Occasionally Kirk’s politics are discernible through the gloam. Although he does not get caught on the matter, the dastardly Jackman and Co turn out to hail from some Marxist sub-group. Young Mary MackAskival, on whom Jackman has designs, tells Logan (during their more successful whirlwind courtship) that Jackman had tried to indoctrinate her into his wicked creed.

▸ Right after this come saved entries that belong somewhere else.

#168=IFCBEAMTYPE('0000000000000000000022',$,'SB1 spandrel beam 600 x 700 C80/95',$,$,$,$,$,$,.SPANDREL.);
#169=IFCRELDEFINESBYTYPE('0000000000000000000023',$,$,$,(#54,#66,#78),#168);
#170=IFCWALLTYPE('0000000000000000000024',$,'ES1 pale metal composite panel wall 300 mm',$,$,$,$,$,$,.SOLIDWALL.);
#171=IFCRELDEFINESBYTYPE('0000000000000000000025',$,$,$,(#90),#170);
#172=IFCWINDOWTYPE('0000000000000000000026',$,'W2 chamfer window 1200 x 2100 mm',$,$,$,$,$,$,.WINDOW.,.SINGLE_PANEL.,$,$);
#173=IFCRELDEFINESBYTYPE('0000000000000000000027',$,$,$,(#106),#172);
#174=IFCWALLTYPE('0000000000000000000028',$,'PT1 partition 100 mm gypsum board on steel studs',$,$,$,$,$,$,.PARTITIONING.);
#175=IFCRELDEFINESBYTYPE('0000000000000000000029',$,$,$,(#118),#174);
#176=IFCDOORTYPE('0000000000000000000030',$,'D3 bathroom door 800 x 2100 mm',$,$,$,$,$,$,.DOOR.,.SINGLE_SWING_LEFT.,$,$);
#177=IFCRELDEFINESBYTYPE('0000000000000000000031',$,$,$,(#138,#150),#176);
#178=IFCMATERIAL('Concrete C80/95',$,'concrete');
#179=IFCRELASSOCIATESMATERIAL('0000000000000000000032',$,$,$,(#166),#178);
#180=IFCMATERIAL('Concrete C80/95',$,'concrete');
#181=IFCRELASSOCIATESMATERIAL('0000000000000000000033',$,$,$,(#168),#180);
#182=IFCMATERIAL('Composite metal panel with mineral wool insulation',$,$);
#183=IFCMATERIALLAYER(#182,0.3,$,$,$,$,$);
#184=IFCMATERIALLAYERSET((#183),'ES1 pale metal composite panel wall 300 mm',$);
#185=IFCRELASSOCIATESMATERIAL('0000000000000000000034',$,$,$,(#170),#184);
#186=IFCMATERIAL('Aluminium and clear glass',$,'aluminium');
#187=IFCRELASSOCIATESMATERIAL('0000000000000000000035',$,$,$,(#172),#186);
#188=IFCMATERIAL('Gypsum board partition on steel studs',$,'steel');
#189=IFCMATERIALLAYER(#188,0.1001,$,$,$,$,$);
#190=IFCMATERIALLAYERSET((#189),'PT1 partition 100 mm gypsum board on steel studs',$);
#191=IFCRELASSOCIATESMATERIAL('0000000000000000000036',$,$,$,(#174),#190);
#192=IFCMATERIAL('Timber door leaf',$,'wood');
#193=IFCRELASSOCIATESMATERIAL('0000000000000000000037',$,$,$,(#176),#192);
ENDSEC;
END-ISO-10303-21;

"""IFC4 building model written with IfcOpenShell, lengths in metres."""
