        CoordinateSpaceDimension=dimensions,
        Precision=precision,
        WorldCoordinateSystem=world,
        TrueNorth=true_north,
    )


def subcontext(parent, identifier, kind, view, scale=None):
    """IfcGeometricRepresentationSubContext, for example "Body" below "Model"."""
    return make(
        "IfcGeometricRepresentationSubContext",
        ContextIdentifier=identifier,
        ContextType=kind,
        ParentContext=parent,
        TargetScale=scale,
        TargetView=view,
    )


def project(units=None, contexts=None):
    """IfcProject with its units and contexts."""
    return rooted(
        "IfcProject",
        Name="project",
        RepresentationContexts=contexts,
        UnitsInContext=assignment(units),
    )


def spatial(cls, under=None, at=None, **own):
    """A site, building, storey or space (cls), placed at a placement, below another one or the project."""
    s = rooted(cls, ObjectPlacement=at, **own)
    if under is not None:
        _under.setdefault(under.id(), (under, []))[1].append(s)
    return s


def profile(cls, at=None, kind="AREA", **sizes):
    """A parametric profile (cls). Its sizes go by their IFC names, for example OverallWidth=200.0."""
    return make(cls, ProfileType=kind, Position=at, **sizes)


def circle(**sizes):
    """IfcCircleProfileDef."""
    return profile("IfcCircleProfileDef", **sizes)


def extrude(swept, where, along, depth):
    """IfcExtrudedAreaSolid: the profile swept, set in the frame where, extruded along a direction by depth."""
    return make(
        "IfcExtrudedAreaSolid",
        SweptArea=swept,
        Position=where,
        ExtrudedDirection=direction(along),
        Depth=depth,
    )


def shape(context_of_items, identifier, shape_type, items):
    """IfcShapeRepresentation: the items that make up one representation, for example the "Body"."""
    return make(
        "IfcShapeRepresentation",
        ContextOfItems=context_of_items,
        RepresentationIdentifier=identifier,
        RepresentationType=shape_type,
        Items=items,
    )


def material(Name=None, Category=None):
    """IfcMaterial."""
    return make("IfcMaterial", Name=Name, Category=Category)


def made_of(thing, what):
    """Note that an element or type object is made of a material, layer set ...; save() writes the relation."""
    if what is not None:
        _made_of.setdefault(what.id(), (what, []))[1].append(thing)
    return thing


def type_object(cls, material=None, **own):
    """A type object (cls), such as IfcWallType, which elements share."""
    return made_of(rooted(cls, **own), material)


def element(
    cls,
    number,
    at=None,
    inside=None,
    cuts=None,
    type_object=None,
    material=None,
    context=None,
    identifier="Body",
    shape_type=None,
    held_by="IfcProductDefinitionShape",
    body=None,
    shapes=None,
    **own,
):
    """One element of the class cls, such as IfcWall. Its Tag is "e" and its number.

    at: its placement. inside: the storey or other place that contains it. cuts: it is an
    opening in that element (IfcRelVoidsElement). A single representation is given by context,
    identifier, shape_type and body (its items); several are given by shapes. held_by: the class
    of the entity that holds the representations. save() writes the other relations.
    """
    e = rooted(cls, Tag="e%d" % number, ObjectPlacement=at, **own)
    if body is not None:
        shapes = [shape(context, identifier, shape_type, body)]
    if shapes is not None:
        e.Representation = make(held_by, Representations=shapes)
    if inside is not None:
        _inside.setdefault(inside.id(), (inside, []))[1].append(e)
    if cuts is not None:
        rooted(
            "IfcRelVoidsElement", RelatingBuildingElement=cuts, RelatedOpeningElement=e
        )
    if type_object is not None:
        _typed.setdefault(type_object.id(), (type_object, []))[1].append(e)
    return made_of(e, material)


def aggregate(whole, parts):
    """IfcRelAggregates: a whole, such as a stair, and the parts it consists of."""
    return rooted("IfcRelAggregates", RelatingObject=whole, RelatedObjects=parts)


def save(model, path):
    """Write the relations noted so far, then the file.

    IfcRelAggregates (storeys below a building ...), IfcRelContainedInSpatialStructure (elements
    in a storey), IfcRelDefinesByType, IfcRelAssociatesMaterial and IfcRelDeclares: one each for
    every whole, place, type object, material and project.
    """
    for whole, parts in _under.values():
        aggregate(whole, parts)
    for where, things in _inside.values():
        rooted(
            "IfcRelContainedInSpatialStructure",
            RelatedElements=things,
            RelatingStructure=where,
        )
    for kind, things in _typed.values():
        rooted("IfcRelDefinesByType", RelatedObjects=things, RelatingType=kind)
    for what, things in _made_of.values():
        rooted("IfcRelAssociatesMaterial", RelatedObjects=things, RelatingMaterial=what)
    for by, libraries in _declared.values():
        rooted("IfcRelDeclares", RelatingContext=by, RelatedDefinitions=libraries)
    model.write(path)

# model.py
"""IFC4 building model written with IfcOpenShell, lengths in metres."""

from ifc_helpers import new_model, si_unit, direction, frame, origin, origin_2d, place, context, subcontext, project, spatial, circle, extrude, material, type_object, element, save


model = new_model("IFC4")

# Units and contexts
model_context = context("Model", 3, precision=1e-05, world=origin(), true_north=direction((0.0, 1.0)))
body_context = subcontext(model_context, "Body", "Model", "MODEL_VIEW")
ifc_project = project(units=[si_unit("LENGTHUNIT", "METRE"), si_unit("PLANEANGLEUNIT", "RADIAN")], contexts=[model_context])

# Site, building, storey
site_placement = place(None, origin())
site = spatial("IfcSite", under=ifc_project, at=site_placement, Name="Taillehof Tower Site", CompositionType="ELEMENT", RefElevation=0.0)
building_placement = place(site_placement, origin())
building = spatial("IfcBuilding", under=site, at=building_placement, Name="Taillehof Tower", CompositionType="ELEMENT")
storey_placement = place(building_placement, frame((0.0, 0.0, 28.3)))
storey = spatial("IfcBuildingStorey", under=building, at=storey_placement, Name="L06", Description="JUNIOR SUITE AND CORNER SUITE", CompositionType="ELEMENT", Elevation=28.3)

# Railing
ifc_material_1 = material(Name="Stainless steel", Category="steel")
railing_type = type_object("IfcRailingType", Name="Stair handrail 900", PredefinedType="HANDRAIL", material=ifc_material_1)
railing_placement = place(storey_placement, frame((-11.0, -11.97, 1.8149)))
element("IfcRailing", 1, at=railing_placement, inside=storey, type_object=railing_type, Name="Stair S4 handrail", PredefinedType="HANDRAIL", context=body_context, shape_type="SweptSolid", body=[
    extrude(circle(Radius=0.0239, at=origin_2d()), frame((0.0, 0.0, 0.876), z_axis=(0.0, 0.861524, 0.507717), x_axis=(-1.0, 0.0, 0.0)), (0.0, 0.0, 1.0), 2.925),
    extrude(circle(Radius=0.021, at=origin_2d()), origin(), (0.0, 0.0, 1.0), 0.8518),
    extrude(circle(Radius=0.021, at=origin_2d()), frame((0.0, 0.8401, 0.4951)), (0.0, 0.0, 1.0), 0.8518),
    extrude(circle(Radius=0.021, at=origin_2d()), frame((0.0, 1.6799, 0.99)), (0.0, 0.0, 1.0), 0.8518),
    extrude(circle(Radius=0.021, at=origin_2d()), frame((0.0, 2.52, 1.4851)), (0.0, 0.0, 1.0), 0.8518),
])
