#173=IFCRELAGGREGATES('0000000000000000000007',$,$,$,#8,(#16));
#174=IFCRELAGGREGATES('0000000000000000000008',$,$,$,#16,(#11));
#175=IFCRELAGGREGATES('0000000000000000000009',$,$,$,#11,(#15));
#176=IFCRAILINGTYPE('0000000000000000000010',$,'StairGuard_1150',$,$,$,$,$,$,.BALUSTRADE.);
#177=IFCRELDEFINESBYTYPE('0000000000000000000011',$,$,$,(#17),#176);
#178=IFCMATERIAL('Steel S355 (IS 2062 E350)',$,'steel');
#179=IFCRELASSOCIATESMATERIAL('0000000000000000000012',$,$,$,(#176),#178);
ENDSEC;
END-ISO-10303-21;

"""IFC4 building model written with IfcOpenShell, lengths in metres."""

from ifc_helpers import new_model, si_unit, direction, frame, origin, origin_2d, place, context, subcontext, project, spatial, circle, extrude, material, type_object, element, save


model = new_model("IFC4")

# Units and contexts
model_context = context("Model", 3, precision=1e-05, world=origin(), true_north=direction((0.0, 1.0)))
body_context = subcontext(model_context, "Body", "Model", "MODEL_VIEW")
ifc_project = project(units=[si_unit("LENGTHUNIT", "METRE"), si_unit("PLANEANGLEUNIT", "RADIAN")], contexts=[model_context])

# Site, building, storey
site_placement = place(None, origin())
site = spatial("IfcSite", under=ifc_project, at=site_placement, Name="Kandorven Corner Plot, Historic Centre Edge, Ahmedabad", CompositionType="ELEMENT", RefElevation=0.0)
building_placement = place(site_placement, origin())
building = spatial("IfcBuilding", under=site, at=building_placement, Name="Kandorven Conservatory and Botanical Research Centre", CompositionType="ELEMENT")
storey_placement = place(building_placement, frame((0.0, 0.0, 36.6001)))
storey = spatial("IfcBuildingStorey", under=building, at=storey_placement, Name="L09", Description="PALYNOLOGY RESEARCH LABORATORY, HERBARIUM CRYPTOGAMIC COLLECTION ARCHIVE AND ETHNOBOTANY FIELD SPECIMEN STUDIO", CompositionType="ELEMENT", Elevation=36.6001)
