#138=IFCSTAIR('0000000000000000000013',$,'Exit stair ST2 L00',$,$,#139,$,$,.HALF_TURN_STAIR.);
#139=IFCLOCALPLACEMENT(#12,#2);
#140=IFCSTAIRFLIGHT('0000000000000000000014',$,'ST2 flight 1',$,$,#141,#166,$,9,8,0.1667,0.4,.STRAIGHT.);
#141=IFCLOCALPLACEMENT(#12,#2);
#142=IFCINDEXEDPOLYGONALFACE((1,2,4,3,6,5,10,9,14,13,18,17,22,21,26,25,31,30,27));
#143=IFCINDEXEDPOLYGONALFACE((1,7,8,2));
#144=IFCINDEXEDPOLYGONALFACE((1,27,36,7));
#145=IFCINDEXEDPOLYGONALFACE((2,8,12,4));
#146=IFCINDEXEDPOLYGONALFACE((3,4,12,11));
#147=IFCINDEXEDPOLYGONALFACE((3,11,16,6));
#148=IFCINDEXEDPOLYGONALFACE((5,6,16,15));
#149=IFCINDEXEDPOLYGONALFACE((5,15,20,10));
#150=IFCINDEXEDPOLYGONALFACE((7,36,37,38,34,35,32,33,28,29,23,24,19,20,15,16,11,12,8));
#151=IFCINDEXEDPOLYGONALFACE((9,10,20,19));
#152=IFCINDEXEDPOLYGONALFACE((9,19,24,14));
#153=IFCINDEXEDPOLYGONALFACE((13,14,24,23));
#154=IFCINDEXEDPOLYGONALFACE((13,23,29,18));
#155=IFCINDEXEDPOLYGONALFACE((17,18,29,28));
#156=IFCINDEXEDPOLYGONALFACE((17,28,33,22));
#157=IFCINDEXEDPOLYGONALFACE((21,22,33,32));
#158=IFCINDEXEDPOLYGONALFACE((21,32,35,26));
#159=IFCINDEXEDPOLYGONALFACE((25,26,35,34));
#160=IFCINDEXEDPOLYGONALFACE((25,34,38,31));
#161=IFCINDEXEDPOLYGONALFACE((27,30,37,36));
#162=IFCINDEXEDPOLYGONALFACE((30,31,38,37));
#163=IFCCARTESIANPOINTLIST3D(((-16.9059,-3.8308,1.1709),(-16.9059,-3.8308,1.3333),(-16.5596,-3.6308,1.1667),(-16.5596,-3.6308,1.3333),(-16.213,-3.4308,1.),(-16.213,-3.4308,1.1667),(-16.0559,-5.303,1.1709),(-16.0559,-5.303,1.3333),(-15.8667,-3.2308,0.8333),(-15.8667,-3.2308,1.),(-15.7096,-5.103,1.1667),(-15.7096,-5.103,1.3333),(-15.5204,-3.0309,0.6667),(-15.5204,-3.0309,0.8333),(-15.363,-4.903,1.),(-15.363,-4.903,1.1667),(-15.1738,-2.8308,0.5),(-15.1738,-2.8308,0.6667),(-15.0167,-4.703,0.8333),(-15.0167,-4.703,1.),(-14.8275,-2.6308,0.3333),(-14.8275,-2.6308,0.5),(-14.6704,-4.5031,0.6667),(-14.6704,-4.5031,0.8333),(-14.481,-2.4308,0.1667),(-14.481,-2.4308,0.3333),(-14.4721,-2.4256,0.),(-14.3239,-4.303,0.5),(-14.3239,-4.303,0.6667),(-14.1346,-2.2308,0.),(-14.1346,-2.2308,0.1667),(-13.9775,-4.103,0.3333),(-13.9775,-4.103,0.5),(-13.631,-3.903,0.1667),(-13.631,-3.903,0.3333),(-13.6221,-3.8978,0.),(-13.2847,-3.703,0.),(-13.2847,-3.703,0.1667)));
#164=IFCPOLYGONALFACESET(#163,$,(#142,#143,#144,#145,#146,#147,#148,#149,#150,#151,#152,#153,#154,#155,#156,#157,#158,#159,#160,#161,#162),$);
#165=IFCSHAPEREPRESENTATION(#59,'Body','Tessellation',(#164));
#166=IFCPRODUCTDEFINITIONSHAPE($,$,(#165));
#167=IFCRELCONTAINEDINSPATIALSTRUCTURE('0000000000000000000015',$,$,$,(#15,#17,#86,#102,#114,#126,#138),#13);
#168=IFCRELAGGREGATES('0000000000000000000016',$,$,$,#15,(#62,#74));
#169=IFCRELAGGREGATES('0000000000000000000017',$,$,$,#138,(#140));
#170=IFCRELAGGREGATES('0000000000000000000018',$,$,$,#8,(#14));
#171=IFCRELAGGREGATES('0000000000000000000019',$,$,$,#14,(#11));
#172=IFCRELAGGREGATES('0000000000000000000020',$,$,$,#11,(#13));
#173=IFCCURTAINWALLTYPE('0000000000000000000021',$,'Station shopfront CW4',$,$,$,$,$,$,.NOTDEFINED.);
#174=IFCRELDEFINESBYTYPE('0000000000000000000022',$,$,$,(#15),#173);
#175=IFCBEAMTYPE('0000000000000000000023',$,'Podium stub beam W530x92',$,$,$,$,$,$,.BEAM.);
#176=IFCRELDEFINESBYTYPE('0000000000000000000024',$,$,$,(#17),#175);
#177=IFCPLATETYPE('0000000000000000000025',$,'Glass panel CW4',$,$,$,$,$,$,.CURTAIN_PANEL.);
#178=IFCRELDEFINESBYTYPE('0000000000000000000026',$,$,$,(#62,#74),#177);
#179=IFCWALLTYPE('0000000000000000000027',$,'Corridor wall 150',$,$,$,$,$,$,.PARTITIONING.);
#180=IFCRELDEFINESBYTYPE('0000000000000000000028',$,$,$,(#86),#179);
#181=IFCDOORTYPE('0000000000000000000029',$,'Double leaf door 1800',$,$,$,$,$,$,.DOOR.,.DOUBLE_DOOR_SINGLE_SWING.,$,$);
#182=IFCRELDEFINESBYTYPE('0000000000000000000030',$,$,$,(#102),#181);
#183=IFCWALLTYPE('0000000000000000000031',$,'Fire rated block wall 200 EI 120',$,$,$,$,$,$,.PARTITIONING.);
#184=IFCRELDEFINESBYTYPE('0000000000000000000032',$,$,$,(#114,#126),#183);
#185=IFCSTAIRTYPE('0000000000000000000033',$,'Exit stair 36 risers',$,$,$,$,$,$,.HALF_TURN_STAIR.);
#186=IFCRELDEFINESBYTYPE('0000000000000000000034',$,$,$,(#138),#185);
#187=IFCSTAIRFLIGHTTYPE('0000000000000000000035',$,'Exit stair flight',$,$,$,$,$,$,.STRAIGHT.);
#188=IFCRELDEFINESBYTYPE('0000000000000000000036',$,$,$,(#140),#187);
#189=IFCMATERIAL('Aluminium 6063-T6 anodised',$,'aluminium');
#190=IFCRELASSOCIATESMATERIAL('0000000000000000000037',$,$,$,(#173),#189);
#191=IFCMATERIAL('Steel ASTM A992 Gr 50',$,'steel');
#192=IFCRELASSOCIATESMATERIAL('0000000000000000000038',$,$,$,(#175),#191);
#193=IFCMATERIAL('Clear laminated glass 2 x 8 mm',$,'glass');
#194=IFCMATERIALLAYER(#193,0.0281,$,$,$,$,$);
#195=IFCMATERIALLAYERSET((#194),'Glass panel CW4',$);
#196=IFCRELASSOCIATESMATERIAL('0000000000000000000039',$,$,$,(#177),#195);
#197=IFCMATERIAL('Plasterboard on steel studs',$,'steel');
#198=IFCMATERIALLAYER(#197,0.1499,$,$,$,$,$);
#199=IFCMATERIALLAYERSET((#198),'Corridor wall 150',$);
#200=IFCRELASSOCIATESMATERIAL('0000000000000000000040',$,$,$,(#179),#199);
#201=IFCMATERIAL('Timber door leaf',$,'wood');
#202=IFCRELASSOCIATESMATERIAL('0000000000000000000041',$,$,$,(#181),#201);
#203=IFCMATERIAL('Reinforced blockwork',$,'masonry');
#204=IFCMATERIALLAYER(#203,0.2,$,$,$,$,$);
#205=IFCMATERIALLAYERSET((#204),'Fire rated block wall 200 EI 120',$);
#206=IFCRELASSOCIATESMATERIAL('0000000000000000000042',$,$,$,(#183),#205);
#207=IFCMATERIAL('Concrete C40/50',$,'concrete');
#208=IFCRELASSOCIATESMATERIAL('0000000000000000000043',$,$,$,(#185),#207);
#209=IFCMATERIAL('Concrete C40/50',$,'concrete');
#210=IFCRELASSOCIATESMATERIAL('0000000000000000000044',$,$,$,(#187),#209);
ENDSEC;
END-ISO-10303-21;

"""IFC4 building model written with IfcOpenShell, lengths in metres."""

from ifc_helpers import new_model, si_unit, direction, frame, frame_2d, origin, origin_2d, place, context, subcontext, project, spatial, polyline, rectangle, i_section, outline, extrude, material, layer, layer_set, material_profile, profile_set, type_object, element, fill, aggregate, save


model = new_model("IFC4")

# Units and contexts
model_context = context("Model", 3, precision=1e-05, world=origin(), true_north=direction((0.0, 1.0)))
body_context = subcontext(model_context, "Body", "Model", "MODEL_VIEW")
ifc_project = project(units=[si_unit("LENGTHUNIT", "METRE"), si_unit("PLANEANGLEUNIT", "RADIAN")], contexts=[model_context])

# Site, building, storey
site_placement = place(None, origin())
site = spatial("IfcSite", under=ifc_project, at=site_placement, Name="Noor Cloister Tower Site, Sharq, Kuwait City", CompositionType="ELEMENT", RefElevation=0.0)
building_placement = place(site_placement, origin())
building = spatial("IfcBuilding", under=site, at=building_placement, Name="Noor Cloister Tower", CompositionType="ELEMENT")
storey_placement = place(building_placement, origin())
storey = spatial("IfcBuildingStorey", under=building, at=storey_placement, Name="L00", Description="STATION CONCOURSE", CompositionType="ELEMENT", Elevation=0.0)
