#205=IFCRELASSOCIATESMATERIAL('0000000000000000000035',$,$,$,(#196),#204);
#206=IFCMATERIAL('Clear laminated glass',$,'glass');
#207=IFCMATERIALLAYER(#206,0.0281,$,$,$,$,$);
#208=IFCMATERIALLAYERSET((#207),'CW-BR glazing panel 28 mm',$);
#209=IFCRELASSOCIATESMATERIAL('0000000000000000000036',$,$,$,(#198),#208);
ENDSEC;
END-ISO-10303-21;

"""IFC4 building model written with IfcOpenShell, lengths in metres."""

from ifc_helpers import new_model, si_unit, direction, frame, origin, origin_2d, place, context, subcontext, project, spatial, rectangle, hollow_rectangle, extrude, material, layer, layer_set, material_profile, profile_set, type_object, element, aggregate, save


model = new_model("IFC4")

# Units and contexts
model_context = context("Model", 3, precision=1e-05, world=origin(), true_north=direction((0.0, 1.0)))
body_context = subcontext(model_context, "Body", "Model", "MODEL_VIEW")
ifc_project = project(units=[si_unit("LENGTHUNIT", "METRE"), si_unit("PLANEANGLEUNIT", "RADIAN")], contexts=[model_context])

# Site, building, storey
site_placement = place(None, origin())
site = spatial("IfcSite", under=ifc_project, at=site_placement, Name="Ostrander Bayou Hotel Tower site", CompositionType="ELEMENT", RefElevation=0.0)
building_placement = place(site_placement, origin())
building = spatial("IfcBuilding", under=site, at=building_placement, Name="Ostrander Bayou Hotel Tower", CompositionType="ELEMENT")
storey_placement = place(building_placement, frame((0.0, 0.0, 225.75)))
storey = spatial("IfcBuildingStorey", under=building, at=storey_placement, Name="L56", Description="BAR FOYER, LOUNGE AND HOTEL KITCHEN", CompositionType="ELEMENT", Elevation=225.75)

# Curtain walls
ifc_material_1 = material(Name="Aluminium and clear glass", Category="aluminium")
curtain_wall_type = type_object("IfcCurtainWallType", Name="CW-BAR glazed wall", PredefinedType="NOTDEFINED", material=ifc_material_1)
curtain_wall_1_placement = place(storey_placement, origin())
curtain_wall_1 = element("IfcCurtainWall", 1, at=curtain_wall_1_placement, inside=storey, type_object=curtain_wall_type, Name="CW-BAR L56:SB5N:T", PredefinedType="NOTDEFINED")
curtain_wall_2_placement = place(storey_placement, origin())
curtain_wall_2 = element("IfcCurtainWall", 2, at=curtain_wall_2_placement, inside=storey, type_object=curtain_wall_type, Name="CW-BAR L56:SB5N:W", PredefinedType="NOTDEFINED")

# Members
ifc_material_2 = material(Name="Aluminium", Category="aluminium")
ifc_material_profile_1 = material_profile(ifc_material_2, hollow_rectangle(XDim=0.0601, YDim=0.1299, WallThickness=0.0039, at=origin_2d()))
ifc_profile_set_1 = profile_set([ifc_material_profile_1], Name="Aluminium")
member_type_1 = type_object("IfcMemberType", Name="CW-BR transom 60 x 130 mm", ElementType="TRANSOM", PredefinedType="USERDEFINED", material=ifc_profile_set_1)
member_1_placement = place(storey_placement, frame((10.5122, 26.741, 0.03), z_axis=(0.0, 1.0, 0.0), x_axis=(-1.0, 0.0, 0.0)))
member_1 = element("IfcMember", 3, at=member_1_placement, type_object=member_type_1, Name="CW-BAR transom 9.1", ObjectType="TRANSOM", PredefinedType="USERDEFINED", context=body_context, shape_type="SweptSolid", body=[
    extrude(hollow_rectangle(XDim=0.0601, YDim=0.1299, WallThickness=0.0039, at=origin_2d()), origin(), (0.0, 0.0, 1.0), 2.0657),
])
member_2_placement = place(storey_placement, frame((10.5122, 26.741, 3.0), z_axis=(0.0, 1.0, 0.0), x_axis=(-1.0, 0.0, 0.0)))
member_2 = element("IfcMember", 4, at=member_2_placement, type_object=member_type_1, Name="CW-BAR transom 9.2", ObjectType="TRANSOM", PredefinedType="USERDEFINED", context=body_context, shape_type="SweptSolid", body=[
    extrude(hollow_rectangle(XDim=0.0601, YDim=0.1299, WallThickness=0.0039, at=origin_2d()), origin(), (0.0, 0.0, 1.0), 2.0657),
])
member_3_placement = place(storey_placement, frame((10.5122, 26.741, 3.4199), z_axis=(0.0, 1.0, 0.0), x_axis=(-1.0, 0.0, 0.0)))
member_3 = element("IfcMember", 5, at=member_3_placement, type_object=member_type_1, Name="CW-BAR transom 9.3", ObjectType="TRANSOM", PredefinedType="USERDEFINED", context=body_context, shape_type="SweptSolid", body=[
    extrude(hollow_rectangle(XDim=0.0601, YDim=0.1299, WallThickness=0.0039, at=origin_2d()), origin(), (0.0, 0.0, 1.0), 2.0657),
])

“If I had known the least little bit about politics and economics and all that,” she said to Hugh, “Dr Jackman would have converted me. But I was utterly ignorant, so he could make no impression . . . He has been so eager to have me serve the Party . . . But the Party, so far as I could make out, meant to destroy a great many people to bring about peace everywhere, and meant to make everybody precisely alike so everyone could be perfectly happy, forever and ever. That’s nonsense. You’re a solicitor — or is it a barrister, Hugh? — and you know. I don’t at all want to be like Dr Jackman, or like Niven the tinker; and I don’t want them to be like me.”
In the end, the reader will be relieved to learn, all turns out right with the world. Though the narrative is slightly peremptorily cut (we never do get to see the industrialist enjoying the rewards of the shocker he has set in motion) everyone gets their comeuppance. Logan gets the girl. Jackman gets his deserts and the fine, noble locals of the Hebrides get to continue their ancient traditions and ways. I don’t see Old House of Fear making as much money for the Kirk estate as it did for the author during his lifetime. But anyone searching for a novel to read by a darkening, remote fireside will find it the perfect aide for keeping the modern world at bay for some hours at least.